Integrated reporting is the core of corporate sustainability. It is critical to organizations communicating their value creation over time and acts as a benchmark for future progress. Global brands including Walmart and Coca-Cola spend millions to collect vast amounts of data from their immense supply chains to report on their sustainability initiatives. Meanwhile, NGOs such as the CDP (formerly the Carbon Disclosure Project), the Global Reporting Initiative (GRI), and the Sustainability Accounting Standards Board (SASB) aim to develop sustainability reporting standards.
But all of these initiatives have one problem in common — the absence of a single unifying metric that accurately accounts for environmental impact. The consequence? Corporations struggle to drive sustainable business practices because they lack the tools to guide decisions.

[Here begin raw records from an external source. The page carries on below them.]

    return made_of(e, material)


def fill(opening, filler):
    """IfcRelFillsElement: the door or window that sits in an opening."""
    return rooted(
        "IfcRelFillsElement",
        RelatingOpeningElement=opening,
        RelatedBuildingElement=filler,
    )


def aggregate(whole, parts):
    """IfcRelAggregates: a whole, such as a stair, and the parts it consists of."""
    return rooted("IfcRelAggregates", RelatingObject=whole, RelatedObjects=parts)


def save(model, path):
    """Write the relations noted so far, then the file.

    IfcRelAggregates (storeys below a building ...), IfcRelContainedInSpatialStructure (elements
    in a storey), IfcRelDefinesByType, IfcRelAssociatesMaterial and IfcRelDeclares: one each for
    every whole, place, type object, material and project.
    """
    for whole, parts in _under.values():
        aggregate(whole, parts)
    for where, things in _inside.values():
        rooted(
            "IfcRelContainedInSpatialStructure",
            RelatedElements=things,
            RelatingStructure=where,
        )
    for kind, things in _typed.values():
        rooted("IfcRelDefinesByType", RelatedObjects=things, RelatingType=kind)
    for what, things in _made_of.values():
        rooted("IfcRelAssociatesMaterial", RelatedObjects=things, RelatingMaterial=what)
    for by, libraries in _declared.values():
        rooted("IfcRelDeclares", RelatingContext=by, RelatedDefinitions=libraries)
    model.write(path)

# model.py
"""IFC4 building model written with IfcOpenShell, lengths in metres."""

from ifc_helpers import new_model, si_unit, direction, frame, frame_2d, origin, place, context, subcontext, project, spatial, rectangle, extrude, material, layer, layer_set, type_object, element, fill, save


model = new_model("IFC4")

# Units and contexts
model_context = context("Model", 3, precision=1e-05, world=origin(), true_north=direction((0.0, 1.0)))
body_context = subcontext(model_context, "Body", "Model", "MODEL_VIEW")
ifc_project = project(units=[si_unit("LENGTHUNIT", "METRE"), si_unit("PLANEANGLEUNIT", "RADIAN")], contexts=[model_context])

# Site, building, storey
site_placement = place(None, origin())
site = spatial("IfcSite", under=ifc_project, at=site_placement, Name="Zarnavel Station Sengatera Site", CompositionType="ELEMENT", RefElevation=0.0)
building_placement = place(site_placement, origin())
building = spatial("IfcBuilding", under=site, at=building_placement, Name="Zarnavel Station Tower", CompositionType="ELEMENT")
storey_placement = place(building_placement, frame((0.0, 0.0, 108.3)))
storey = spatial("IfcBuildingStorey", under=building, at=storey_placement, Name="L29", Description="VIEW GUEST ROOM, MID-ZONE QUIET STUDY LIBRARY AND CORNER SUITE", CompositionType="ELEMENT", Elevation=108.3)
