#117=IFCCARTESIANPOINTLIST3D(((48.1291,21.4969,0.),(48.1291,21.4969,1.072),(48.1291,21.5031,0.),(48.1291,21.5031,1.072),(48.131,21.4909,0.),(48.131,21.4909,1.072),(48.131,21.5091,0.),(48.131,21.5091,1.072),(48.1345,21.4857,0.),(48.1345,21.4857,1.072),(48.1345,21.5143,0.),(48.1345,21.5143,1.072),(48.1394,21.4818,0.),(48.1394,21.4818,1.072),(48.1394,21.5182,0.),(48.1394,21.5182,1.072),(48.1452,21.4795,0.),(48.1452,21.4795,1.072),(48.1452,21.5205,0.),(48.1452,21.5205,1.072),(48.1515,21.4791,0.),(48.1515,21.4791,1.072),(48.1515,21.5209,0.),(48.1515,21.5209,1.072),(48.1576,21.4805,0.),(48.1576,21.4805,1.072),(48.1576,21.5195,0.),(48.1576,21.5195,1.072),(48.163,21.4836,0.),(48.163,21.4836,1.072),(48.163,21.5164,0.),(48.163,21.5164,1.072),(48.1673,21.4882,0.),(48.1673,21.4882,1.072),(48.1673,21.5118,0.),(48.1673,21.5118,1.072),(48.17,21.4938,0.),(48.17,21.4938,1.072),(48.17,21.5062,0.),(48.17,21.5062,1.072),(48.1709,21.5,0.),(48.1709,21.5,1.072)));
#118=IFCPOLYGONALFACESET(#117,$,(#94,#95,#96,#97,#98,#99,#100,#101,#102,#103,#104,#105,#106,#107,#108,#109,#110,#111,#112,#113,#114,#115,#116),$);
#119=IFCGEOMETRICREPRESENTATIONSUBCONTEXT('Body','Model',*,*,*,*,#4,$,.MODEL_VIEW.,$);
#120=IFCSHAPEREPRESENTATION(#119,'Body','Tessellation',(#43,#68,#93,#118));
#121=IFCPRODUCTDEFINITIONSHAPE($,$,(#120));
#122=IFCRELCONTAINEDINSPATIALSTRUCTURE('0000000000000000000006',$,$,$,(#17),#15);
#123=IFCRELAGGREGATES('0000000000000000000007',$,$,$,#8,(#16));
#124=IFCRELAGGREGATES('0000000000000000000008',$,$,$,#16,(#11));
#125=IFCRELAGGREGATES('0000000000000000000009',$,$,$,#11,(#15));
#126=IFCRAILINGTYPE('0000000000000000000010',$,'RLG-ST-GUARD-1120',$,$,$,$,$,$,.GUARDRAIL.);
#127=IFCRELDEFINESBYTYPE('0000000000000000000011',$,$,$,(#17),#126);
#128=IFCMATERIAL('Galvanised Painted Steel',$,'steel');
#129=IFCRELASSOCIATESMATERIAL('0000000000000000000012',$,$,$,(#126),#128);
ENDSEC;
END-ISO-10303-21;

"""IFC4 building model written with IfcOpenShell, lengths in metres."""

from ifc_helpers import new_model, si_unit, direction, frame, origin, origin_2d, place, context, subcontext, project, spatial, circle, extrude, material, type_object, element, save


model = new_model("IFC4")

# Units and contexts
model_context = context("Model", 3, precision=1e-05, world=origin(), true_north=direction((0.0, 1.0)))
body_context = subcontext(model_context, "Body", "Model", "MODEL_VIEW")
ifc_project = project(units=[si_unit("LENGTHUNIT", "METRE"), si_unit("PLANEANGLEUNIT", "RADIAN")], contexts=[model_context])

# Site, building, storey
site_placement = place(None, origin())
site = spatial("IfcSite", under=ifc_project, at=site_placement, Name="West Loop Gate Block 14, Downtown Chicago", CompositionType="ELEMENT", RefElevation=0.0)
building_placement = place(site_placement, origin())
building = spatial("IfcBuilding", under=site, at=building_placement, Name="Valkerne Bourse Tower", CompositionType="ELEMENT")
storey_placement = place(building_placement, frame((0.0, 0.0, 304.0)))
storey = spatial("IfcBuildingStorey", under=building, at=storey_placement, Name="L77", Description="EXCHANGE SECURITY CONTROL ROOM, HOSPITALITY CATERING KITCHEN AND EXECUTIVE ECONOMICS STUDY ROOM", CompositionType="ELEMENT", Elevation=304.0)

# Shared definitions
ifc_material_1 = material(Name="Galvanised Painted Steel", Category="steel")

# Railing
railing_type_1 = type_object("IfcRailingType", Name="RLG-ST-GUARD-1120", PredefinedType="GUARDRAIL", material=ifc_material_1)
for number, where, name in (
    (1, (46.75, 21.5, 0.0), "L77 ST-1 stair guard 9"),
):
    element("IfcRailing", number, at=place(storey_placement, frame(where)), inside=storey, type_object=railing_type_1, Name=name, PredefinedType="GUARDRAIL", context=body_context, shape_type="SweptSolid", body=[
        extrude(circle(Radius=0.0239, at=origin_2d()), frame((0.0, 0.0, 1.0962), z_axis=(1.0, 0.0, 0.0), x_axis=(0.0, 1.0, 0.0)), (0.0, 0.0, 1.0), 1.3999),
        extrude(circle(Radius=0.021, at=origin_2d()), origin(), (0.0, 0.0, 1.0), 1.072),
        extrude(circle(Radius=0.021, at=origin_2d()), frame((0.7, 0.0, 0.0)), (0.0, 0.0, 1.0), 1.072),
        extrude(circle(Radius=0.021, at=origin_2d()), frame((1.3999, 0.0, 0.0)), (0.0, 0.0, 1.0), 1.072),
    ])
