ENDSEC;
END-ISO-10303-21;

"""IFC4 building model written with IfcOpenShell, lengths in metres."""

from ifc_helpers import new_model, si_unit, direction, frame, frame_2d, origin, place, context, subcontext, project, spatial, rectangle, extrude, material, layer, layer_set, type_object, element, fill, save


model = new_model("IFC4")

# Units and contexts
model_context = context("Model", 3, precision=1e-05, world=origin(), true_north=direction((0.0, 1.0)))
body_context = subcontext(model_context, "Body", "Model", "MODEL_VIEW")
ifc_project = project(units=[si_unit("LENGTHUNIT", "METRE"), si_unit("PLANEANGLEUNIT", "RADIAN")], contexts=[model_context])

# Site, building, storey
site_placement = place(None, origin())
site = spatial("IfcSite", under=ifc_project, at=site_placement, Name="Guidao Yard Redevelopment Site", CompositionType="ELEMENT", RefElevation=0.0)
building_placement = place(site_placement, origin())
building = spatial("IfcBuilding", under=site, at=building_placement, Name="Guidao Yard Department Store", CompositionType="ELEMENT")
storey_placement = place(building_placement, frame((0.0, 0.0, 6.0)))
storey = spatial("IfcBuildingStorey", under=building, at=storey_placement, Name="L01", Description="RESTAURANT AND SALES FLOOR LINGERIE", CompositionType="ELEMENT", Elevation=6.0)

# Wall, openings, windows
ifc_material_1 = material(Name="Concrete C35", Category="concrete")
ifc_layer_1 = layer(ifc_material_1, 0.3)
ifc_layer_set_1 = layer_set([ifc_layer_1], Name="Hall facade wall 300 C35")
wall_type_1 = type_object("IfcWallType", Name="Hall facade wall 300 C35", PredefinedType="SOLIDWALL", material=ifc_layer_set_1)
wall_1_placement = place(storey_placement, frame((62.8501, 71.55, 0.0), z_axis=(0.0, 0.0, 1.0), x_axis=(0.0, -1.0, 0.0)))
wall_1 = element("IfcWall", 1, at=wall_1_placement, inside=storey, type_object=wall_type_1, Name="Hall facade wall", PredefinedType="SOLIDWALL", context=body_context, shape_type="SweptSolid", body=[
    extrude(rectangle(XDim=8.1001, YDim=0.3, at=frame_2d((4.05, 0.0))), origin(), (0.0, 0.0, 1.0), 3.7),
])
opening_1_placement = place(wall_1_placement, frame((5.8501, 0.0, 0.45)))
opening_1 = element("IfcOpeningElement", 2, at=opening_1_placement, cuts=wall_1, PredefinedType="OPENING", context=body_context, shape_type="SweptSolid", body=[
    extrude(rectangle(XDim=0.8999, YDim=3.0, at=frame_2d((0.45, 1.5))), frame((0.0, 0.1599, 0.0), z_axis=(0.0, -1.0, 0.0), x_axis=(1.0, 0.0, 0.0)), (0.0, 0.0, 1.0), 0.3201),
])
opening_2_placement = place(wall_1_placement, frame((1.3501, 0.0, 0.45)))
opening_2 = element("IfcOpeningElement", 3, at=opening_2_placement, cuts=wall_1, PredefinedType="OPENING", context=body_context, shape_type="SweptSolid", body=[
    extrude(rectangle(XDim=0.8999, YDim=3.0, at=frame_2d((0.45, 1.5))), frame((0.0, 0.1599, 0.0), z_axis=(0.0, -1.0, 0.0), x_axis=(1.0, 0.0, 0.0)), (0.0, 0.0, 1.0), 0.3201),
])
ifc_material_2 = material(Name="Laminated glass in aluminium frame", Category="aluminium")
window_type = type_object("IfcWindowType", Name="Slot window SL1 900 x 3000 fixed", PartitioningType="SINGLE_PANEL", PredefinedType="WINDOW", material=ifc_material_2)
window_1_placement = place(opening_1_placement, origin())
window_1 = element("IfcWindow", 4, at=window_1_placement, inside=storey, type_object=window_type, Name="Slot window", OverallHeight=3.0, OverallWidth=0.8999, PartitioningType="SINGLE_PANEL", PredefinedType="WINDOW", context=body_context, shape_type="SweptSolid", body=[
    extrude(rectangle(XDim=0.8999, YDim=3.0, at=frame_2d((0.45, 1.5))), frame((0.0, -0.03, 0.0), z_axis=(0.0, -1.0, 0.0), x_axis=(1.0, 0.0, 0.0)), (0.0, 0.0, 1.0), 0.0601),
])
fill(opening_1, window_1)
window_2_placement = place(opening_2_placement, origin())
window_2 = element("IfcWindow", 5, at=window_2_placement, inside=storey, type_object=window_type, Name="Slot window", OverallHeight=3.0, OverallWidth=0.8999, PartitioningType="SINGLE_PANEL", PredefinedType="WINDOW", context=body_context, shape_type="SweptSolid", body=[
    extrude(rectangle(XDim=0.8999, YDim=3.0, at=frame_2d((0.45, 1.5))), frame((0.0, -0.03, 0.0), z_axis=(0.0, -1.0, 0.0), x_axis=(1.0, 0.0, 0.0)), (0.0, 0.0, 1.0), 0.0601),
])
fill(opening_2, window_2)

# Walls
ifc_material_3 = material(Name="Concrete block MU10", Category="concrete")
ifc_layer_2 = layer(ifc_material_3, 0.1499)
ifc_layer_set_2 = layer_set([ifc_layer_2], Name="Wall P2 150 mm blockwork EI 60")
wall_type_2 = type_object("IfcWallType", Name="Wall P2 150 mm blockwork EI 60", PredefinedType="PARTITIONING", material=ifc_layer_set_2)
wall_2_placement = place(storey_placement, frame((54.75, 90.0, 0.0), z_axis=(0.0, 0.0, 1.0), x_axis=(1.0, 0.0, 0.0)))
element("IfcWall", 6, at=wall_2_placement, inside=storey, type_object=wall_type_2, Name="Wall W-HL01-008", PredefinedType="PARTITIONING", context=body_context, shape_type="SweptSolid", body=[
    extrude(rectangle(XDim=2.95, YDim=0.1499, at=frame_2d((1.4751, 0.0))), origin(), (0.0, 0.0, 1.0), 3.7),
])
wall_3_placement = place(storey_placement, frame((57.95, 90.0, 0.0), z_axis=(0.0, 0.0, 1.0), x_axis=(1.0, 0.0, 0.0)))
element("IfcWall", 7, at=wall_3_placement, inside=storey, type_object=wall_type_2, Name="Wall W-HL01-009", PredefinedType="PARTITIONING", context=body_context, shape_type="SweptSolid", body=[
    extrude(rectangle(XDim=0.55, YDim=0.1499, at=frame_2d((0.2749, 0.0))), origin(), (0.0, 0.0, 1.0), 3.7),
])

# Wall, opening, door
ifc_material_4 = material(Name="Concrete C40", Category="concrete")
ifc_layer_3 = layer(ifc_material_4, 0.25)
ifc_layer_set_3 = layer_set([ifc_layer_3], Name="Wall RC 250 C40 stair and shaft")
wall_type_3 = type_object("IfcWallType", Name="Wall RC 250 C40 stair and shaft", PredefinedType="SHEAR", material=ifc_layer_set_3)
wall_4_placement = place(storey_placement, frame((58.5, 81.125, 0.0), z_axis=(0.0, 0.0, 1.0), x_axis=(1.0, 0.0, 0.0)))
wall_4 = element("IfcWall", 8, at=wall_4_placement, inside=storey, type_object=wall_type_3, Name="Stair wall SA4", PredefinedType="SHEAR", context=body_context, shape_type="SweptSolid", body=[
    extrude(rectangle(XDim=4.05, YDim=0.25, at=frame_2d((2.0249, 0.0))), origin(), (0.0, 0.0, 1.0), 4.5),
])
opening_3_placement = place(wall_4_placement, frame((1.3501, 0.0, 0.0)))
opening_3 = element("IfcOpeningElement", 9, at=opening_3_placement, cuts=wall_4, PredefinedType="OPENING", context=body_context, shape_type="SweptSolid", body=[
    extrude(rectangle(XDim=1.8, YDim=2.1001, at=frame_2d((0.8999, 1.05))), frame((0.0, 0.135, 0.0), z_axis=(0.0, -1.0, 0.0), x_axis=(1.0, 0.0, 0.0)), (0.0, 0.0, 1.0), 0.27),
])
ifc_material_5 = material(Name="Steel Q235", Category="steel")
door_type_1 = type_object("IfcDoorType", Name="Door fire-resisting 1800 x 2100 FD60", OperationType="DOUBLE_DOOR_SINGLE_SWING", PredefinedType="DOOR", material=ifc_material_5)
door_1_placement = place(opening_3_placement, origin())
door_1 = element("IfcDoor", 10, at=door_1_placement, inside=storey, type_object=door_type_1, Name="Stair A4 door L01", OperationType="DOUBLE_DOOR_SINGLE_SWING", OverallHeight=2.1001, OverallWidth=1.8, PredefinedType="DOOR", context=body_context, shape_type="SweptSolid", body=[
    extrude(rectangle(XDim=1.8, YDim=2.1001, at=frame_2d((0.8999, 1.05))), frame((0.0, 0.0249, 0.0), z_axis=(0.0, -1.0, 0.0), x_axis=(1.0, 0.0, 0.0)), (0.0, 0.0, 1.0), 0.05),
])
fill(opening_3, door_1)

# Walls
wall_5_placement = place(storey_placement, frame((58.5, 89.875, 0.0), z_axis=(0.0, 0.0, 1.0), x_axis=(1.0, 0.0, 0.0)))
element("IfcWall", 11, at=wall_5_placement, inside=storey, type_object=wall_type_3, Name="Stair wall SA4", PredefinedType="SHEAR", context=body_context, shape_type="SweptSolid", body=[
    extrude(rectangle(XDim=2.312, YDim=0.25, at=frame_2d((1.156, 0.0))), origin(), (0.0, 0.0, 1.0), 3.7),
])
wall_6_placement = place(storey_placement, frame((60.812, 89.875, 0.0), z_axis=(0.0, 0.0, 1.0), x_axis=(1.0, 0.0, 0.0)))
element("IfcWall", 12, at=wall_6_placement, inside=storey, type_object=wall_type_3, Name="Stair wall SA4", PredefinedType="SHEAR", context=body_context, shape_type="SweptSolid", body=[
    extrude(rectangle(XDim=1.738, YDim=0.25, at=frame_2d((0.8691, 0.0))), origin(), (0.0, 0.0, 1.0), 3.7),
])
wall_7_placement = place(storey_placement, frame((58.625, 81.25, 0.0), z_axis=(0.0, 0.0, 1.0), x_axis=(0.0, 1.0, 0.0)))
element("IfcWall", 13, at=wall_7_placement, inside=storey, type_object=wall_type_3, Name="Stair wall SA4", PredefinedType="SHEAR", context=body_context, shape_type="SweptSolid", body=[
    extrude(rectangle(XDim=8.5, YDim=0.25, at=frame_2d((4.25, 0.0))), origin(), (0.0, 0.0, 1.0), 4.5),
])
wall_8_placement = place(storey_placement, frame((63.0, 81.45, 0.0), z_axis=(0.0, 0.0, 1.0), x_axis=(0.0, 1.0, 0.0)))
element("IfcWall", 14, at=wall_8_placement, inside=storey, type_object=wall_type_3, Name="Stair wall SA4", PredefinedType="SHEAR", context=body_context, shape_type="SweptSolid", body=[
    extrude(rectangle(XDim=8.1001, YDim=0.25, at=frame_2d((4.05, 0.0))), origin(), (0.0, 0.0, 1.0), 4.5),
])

‘State of the Art’ Today Is the Same as 12 Years Ago
In 2002, Jeanette Schwarz et al wrote a great article that describes what was then the state of the art for measuring energy, water, materials and emissions. However, it uses different ‘engineering units’ without any integration between them. Unfortunately, not much has changed since then — a 12-year-old paper still describes what many consider ‘state of the art’ today.
Consider a typical sustainability report: Electricity, materials and water are measured in their separate ‘engineering units,’ which generally measure the quantity of resources that the organization is consuming within its facility walls.
Conceptually a standard sustainability report looks something like this:
What if we could have the following report?
Trusted — so that it is widely used and corporate and industry benchmarks can be established
Steven Cohen of Columbia University recently wrote: “Corporations and environmental interest groups are key stakeholders in any metrics discussion, but they each have their own axe to grind and cannot be allowed to have the final word. Government has a key role to play.”
But the government has already spoken: “EPA has determined that source energy is the most equitable unit of evaluation. Source energy represents the total amount of raw fuel that is required to operate the building. It incorporates all transmission, delivery and production losses.”
So the big question remaining is: How do we quantify source energy?
Accurate — because the business-critical decisions that result from it have important implications for the bottom line as well as climate and the environment
Accuracy is the key challenge in quantifying source energy. While the EPA tells us that source energy is what we should measure, it only provides one conversion factor for source energy for the entire USA.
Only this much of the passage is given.